Did you have little to no symptoms when diagnosed with PSA?
I was wondering if it is a real matter to catch PSA early so much symptoms only start to show up. Considering my current situation, when i am being diagnosed with PSA due to some blood work and symptoms and a questioned psoriasis by a dermatologist(they literally put a question mark on it), i am not much sure about whether there is a need in methotrexate treatment i was prescribed. Even though x rays came out to be fine as to what radiologist suggested(haven’t yet shown those to my rheumatologist), i feel strange come ‘n go pains located more or less in same places(right hand middle and pointer finger, right foot big toe, elbows), that mostly resolve as an apparent discomfort, rather than pain. My most noticeable symptom is fatigue- constant tiredness, not relieved by lack of stress, good sleep or change of diet or even my location which goes on for months. I was wondering if anyone had same or similar situation and it really did turn out to be the beginning- as of what i call symptoms i may feel to fit into what i read about the disease. That is much concerning. Thank you for your attention.

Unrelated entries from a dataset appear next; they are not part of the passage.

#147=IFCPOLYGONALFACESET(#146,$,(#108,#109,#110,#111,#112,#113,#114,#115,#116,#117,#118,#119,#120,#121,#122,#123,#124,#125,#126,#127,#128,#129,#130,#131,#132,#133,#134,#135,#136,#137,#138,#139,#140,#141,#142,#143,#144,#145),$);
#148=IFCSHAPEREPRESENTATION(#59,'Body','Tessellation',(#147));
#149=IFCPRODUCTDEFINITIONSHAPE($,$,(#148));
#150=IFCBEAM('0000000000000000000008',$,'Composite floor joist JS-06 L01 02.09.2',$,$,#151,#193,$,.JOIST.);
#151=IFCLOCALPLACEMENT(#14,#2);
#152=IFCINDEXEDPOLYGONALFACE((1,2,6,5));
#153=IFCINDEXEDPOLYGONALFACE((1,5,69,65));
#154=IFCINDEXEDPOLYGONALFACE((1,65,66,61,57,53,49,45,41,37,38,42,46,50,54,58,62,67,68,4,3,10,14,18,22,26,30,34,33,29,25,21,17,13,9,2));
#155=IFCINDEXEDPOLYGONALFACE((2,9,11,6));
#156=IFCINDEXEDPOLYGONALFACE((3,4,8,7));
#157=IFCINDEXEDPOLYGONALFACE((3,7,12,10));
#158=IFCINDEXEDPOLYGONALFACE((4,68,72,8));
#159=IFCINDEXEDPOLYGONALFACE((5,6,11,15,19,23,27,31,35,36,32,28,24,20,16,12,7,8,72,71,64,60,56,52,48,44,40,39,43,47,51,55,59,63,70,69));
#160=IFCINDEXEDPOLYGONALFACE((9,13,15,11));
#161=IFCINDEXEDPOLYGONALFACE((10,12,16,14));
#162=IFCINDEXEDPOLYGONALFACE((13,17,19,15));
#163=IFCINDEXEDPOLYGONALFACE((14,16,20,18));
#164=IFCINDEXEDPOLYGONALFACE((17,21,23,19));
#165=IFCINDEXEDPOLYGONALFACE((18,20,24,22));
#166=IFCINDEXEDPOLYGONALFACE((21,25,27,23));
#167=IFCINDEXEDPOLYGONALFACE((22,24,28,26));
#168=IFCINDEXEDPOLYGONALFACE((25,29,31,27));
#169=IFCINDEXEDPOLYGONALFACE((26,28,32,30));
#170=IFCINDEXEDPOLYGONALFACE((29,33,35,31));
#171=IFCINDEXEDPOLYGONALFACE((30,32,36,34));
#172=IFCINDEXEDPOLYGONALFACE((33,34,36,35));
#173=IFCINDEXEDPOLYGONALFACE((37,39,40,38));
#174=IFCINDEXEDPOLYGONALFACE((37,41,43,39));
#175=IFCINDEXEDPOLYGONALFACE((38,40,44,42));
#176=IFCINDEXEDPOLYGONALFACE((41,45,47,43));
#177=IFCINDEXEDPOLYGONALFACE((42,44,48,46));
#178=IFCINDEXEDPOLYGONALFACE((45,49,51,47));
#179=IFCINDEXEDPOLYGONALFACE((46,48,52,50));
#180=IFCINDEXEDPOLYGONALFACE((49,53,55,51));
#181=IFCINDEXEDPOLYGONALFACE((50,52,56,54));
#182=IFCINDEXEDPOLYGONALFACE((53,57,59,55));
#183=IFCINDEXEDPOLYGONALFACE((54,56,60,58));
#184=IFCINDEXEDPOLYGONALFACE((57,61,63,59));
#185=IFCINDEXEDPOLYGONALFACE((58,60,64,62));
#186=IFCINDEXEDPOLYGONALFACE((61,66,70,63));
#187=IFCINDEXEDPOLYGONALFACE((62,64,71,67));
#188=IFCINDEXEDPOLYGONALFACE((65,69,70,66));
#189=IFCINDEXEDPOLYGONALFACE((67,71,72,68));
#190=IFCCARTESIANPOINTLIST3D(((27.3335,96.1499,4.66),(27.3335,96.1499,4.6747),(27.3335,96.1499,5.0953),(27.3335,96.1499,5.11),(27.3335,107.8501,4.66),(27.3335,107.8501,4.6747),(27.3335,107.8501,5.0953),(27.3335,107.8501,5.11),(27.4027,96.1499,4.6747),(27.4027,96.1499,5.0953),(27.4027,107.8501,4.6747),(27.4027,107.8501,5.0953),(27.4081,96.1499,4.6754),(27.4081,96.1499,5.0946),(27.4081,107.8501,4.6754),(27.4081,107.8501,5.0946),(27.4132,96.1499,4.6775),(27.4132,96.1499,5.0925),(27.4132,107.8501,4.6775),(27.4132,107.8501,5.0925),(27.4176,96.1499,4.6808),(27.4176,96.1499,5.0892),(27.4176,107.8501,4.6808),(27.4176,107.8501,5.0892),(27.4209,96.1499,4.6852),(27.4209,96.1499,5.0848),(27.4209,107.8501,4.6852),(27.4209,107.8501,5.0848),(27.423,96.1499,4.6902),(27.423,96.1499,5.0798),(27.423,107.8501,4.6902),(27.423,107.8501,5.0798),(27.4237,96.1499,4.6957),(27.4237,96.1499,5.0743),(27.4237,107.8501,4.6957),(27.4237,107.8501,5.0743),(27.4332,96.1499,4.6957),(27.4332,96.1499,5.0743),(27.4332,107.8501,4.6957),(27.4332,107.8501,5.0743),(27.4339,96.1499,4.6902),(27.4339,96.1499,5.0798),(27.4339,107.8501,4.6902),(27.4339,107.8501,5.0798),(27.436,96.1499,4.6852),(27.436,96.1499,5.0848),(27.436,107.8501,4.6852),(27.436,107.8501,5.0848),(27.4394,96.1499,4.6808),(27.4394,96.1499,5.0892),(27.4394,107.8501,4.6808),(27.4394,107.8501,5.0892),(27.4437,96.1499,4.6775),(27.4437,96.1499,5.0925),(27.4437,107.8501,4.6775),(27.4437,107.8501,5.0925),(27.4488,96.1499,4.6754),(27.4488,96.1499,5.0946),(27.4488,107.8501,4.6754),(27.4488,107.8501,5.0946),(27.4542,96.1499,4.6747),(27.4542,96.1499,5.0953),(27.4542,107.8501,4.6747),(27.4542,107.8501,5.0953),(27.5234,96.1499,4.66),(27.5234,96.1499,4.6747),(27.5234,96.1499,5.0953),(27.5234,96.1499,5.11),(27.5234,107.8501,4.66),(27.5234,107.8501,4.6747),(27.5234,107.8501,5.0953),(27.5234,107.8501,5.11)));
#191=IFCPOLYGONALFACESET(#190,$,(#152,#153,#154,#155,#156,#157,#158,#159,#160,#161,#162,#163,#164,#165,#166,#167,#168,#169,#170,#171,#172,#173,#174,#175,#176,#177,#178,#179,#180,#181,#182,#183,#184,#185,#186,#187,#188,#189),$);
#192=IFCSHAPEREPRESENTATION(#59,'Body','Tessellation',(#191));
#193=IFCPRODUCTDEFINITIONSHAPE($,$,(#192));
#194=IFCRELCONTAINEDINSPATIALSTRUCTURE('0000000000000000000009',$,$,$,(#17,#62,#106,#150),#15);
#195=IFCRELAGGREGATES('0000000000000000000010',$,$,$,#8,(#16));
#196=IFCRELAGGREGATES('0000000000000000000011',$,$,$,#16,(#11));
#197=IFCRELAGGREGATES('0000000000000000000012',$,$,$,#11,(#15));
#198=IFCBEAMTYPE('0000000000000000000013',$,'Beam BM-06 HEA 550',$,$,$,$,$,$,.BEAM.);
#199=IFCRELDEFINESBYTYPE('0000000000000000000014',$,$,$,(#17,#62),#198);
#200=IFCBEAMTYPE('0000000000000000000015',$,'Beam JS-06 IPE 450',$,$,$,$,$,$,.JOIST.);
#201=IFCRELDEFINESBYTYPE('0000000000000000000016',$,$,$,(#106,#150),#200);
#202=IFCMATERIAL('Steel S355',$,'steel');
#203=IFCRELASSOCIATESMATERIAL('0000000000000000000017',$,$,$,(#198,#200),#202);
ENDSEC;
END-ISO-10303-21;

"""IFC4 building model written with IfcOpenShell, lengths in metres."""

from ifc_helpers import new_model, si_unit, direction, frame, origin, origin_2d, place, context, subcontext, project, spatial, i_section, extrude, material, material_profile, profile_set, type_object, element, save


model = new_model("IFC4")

If you got diagnosed with PsA early on, with few to no symptoms, you are among the lucky few. Most of us had to suffer terribly for a matter of years before finally getting a diagnosis. The pain you are experiencing in your joints, in absence of radiological evidence, is likely synovitis, inflammation of the synovial lining of the joints. And this is often one of the first signs of joint involvement in PsA, and it can become quite painful. The decision of whether or not to go on MTX, or any other DMARD is one that can only be made by you, ideally after discussing it with your rheumatologist. If you feel your symptoms aren’t severe enough to warrant treatment with MTX, then you should have some sort of plan for dealing with your disease until such time as you feel DMARDs are needed.